Unfortunately I found out something about 4096. Yes it gives you "faster" prompt processing (double), but it increases your time to reply. In actual chats the PP can be half on smaller prompts regardless of what the bench says. If you're doing big prompts, 4096, if you're chatting RTR and 512 or 1024 ubatch.
I'm testing the IKSS now to see where it falls. Unfortunately gguf scripts don't dump the tensors for me to see file sizes . Likely because I have the mainline gguf package installed. I wish sweep bench printed them in MiB like main, its a nice QOL thing.
Preliminary it looks like this:
PP | TG | N_KV | T_PP s | S_PP t/s | T_TG s | S_TG t/s |
---|---|---|---|---|---|---|
1024 | 256 | 0 | 19.871 | 51.53 | 25.478 | 10.05 |
1024 | 256 | 1024 | 19.530 | 52.43 | 26.619 | 9.62 |
1024 | 256 | 2048 | 19.901 | 51.46 | 28.151 | 9.09 |
1024 | 256 | 3072 | 20.151 | 50.82 | 29.846 | 8.58 |
1024 | 256 | 4096 | 19.966 | 51.29 | 31.707 | 8.07 |
Probably have to drop caches since its loading slowly.
Yup, increasing the batch size can increase "latency" for a short prompts psure.

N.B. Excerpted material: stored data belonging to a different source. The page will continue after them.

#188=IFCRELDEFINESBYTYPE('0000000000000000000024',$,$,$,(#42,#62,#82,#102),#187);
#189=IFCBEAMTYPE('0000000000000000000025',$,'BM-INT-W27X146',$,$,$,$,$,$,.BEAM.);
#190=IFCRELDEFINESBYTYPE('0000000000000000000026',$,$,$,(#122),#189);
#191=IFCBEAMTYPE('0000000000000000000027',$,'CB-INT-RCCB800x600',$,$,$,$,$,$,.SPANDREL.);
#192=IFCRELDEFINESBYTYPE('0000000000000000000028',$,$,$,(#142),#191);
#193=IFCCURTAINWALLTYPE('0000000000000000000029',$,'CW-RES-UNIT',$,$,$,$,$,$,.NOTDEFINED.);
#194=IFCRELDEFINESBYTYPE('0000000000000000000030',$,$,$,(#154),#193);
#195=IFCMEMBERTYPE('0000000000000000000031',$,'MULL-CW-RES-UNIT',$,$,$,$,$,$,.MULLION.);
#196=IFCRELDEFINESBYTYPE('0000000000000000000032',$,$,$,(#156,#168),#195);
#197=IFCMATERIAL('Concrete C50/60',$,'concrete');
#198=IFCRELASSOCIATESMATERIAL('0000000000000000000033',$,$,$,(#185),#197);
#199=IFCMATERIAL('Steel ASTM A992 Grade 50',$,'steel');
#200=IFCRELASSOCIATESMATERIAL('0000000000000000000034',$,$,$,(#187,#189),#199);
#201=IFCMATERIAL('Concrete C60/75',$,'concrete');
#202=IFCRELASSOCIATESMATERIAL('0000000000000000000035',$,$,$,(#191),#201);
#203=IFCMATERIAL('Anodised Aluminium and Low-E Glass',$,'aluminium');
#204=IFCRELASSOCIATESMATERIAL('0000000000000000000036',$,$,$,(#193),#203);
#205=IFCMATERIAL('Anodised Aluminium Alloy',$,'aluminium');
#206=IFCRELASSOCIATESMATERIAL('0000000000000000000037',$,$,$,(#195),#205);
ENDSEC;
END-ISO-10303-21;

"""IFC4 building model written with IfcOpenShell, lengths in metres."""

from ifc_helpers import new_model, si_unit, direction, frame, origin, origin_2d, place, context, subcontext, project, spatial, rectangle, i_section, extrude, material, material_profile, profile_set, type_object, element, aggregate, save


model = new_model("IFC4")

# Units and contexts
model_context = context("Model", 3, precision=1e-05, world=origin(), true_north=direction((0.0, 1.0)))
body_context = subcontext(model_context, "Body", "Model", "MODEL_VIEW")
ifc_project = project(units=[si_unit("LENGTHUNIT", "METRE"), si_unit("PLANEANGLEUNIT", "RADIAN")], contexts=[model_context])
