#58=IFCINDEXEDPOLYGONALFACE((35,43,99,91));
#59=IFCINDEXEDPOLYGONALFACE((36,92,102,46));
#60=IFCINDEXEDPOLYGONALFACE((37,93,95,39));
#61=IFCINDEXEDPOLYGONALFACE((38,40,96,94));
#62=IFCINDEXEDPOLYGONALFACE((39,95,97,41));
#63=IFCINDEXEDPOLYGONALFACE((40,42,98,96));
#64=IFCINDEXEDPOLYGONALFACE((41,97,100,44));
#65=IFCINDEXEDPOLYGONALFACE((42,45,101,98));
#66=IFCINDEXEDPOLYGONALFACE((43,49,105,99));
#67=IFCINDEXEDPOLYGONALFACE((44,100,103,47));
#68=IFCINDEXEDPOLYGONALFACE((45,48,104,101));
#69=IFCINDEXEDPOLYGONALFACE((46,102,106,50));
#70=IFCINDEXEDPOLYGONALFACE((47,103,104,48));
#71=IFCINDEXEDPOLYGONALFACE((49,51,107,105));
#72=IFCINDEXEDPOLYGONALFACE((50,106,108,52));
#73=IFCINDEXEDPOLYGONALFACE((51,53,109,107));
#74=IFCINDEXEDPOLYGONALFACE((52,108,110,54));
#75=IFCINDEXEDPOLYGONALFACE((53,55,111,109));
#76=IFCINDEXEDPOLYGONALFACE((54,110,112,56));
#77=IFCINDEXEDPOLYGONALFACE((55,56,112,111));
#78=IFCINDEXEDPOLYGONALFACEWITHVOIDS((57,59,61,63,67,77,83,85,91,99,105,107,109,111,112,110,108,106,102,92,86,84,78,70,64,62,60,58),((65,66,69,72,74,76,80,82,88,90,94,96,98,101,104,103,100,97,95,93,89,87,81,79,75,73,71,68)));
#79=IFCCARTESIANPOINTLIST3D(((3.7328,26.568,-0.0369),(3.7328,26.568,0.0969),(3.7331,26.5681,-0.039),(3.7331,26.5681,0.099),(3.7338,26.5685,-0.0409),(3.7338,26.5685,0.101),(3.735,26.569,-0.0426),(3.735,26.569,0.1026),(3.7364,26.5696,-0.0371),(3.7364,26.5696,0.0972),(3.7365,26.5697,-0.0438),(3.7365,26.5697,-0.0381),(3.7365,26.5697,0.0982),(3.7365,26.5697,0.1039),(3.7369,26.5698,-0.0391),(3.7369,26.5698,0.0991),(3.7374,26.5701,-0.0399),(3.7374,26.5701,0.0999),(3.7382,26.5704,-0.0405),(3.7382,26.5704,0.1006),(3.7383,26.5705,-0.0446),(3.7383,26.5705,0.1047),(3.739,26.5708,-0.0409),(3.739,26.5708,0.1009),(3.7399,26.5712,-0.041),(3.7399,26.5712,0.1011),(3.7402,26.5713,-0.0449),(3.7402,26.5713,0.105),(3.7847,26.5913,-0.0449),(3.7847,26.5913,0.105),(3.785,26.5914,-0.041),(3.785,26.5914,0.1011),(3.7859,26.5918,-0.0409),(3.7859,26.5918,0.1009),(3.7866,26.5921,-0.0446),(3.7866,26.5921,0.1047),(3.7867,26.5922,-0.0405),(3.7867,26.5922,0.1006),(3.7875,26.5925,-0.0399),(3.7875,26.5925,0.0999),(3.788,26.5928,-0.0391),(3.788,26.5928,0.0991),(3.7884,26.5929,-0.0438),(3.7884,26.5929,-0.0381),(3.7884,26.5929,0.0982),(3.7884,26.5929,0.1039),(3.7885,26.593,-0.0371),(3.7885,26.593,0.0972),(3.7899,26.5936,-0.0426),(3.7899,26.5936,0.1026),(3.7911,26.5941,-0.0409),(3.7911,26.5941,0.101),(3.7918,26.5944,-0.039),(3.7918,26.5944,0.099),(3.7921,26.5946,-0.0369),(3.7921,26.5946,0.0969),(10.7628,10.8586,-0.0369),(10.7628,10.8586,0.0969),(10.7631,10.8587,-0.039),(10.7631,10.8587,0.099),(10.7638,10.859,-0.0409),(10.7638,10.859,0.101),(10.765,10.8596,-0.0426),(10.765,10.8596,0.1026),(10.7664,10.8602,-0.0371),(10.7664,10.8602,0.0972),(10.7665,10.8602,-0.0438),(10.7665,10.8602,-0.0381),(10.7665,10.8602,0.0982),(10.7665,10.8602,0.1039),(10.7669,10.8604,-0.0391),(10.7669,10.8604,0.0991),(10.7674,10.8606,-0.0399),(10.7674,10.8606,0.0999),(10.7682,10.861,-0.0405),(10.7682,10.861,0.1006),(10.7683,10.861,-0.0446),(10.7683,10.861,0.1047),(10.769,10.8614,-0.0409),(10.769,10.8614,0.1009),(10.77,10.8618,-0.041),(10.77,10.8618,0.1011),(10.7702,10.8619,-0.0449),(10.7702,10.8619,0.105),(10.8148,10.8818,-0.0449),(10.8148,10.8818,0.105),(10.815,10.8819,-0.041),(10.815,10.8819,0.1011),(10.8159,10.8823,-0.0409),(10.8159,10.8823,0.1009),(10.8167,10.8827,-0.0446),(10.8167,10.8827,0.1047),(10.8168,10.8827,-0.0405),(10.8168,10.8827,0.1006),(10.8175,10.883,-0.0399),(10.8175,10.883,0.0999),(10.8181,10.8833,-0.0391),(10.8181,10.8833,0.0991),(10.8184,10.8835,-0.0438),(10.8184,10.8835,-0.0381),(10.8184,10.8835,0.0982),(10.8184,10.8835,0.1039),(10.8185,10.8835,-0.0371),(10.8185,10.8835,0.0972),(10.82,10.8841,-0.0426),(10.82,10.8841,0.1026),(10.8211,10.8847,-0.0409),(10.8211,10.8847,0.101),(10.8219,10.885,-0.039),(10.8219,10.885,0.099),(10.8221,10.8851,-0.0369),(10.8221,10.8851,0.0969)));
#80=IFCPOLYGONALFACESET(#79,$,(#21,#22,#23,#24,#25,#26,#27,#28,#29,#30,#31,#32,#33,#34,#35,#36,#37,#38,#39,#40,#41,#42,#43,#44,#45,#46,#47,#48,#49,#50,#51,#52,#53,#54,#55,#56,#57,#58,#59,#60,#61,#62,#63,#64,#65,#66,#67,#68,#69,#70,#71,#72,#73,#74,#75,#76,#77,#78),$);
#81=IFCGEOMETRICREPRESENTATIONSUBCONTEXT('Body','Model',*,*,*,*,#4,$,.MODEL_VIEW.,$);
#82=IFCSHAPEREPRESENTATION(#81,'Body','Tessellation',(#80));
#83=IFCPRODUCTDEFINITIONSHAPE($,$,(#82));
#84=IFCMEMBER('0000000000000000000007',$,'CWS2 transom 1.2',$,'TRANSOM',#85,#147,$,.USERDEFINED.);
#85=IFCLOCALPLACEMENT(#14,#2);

And right for lots of long prompts it is beneficial, but every day shorter prompt mult-turn chats rtr and default or smaller batches is fine and might allow one more routed expert layer offloaded on VRAM too.

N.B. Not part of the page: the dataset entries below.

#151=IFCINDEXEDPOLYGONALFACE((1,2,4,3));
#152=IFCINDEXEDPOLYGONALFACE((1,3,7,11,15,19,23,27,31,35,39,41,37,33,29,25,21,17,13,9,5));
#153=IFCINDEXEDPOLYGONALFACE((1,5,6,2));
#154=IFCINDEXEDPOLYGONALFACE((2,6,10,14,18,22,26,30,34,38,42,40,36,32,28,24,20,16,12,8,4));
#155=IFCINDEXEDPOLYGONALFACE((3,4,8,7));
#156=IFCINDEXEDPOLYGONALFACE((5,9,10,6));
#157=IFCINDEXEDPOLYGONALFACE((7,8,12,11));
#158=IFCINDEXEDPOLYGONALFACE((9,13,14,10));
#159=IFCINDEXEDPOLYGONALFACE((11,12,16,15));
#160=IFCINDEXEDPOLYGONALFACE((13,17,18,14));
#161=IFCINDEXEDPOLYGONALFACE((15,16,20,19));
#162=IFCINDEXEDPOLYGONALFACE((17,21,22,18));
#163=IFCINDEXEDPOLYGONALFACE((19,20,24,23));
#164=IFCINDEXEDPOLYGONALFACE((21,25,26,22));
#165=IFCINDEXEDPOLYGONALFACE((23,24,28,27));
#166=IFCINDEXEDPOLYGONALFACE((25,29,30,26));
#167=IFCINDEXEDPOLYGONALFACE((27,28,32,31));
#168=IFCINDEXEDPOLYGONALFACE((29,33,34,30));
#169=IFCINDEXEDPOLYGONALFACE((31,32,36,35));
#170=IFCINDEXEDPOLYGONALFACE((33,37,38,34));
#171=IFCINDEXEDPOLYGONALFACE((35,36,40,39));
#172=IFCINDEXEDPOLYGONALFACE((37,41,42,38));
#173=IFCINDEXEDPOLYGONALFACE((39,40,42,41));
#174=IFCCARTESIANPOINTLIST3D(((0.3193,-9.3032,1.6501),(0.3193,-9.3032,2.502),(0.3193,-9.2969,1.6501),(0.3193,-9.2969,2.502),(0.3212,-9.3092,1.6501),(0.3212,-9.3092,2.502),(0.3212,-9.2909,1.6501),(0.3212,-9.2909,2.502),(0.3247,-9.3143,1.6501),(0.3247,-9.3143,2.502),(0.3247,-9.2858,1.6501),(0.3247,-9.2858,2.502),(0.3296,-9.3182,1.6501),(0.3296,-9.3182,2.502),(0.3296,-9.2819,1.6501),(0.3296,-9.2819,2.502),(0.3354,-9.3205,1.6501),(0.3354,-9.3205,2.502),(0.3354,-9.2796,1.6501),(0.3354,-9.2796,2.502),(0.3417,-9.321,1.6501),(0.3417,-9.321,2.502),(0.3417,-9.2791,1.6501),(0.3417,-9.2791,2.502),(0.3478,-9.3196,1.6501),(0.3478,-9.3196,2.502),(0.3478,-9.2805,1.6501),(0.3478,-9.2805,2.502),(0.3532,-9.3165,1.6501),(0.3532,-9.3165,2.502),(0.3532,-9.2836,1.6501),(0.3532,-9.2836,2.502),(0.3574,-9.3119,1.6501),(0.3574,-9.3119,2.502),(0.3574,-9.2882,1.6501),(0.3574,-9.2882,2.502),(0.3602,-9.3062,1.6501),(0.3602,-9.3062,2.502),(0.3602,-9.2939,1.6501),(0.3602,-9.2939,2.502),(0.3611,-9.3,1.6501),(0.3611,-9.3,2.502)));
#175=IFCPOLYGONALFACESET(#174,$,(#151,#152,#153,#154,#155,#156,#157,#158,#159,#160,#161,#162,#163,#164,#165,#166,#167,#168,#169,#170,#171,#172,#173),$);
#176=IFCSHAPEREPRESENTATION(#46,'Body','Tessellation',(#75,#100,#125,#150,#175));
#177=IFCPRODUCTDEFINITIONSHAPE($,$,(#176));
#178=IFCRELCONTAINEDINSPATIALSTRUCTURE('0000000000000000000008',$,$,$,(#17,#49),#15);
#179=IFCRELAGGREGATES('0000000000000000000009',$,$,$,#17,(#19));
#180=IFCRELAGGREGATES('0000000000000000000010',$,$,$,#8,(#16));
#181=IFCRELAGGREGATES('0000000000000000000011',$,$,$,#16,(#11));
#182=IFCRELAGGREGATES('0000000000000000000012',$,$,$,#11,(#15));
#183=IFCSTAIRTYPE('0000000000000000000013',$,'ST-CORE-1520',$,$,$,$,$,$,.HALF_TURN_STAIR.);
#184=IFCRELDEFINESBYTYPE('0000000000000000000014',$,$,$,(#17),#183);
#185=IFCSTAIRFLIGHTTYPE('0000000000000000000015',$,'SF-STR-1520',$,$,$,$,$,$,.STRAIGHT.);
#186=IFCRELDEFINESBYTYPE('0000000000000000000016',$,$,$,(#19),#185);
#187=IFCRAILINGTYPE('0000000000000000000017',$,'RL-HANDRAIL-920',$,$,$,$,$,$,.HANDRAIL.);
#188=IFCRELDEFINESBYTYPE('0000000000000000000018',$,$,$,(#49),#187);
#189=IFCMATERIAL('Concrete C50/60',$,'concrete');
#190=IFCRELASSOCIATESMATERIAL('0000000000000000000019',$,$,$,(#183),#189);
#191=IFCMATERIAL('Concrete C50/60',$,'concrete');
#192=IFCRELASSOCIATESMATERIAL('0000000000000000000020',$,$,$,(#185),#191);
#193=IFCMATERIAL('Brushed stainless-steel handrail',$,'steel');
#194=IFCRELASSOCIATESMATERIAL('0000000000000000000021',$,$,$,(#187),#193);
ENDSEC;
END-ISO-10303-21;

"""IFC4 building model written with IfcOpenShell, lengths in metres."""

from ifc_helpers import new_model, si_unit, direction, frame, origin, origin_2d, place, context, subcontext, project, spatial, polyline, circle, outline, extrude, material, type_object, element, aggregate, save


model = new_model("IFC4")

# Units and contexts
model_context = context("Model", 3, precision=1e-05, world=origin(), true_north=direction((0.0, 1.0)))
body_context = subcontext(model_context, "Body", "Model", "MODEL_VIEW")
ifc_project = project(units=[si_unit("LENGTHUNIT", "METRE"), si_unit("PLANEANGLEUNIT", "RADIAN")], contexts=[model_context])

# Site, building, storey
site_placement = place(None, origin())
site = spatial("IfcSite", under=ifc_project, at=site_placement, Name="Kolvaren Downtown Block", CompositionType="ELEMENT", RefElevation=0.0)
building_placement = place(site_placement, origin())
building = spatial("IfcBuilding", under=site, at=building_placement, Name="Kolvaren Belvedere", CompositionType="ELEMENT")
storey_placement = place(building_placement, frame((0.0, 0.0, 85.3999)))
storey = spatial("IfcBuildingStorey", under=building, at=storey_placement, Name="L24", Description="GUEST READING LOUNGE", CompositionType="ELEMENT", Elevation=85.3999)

Unfortunately gguf scripts don't dump the tensors for me to see file sizes . Likely because I have the mainline gguf package installed.
You can view the tensors using the same gguf package from ik_llama.cpp. Unfortunately, hugging face doesn't support this and so most of my quants are not visible in the side-bar which is annoying and inconvenient indeed. Here is the gguf dump script:
$ cd ik_llama.cpp
$ source venv/bin/activate # or however you manage python packages
$ pip install numpy==1.26.4 # a few more packages you'll need too
$ python gguf-py/scripts/gguf_dump.py /mnt/raid/models/ubergarm/GLM-4.5-Air-GGUF/GLM-4.5-Air-main-IQ3_KS.gguf
I wish sweep bench printed them in MiB like main, its a nice QOL thing.

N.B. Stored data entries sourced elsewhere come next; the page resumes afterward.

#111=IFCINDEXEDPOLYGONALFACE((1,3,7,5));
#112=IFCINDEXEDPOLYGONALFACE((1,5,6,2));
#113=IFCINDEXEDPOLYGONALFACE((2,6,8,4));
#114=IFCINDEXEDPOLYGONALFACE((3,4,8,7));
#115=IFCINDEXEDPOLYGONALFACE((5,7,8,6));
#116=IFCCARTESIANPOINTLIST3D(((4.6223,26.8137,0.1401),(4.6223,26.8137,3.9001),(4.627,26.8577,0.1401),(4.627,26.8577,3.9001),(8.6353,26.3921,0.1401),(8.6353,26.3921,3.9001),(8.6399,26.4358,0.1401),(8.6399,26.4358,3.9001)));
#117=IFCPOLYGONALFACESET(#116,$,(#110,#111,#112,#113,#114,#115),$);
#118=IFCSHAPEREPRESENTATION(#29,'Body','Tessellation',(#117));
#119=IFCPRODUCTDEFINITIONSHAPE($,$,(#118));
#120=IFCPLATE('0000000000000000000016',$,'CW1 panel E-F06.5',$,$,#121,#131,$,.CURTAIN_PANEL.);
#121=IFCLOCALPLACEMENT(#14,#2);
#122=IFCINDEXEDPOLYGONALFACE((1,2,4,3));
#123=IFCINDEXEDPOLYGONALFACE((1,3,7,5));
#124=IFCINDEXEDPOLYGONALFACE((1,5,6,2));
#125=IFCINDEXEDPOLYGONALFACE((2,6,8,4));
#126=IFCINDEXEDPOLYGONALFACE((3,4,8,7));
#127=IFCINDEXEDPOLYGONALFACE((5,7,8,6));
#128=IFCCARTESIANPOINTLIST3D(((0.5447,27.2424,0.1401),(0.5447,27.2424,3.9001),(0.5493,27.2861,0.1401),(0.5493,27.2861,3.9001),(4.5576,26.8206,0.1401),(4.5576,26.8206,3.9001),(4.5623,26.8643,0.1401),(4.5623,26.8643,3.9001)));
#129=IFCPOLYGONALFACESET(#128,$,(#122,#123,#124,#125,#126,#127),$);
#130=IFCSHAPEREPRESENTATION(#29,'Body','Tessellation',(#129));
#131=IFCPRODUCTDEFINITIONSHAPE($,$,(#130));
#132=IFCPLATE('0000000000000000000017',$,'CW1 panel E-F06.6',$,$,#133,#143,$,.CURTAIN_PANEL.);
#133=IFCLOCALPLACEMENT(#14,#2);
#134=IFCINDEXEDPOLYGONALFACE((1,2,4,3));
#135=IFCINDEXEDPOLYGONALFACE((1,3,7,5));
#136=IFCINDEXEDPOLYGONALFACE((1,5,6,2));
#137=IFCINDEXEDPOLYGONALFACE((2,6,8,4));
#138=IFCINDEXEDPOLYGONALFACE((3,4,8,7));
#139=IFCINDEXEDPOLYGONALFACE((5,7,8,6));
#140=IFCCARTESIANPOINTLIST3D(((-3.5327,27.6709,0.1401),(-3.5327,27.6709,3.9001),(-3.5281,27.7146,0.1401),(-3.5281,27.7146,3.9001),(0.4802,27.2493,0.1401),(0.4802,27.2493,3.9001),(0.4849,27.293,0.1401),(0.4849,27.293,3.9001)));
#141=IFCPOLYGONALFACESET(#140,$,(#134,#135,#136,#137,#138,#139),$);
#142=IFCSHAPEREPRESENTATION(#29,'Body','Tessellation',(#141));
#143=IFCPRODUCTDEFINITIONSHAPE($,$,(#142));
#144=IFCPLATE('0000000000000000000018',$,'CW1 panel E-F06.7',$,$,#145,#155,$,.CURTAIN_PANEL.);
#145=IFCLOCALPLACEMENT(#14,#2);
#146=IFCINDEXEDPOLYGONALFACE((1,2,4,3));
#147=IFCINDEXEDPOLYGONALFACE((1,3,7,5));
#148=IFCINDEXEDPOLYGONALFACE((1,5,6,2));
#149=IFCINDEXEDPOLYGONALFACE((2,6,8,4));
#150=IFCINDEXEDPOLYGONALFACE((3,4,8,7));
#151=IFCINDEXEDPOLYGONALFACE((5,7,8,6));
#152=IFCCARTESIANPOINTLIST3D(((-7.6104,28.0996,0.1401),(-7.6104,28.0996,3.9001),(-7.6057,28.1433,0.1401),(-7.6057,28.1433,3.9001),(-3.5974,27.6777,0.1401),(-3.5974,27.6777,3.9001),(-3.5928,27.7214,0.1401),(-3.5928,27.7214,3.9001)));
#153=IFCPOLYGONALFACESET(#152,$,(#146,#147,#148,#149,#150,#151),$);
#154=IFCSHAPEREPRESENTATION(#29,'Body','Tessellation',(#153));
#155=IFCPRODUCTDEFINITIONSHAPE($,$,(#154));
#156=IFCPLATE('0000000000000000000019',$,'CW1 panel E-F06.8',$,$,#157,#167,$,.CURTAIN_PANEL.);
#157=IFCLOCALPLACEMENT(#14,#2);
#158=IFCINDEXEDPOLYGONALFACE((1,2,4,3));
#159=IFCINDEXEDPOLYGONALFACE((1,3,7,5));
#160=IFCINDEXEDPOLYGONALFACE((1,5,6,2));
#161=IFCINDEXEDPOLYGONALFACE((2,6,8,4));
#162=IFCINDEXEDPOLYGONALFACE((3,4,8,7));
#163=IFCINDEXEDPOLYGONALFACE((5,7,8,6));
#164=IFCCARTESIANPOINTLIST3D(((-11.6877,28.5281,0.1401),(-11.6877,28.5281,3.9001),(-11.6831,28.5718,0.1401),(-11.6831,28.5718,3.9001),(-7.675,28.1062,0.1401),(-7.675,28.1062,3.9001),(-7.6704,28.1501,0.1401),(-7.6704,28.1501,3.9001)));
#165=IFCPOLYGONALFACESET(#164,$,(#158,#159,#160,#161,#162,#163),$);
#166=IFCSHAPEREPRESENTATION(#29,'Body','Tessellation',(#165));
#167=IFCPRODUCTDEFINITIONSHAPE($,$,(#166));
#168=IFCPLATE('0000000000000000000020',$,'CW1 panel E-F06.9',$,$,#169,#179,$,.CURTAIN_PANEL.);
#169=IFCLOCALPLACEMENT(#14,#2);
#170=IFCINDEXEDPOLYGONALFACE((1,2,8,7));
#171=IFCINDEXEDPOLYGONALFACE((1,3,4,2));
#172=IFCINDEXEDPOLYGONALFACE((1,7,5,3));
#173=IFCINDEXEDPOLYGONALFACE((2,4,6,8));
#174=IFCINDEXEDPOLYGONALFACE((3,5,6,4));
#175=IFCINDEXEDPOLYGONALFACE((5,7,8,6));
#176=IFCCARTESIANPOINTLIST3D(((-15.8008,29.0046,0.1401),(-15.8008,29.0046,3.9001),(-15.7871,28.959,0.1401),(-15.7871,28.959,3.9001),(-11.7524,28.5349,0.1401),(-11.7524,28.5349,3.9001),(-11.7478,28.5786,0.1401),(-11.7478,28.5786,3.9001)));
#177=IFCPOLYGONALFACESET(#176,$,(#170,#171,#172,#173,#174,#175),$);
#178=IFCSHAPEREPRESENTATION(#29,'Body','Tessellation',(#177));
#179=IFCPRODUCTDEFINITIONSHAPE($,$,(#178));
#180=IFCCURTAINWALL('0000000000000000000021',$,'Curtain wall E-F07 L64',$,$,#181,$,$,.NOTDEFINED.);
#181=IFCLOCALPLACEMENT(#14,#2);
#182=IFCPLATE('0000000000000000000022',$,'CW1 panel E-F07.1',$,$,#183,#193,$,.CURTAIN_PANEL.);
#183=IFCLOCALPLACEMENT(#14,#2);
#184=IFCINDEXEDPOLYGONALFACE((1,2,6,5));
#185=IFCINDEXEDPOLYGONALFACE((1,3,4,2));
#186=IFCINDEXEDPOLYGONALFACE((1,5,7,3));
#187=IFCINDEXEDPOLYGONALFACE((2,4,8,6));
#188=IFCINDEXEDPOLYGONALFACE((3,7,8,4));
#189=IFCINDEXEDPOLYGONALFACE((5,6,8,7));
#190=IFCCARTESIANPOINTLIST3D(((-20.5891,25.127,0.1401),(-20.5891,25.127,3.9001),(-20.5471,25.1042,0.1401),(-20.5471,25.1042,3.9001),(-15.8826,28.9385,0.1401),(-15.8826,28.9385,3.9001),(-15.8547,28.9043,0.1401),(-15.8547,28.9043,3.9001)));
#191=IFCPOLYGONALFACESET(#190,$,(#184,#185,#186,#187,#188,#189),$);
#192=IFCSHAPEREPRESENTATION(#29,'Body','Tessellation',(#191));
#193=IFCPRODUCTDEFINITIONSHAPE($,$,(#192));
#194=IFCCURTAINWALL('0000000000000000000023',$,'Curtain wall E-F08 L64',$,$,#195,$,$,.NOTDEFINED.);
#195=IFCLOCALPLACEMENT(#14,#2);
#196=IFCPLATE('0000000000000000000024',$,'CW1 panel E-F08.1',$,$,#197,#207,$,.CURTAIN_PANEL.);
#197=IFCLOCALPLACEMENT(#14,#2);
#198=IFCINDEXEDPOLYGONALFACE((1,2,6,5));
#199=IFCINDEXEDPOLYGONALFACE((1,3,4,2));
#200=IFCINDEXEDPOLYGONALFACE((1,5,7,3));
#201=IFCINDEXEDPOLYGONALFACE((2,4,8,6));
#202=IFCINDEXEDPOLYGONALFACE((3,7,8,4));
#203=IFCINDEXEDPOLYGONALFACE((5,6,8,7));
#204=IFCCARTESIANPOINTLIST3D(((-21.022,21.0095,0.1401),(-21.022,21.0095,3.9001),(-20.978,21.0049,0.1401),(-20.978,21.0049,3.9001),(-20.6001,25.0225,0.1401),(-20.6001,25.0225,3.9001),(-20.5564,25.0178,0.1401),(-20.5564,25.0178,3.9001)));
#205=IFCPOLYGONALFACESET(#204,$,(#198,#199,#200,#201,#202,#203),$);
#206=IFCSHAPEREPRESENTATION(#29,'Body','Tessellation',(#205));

I'm not sure exactly where llama-sweep-bench prints tensors in MiB sizes? sweep-bench isn't even officially on mainline psure. If you have a short clip of the logs and/or command I might understand better. But yeah in general I too like my numbers in GiB and MiB!
llama.cpp prints it when loading.. mis-wrote. I assume loading seq is all the same tho.. it says offloaded tensor xyz to cpu (750mb) etc. In mainline I think you may have to enable verbose now to see it.
For that script, on mainline it calls the gguf_reader which is python. If you have the gguf py package installed it will use it's reader. I also had to patch it to display MB and not bytes. On a large list that's quite distracting.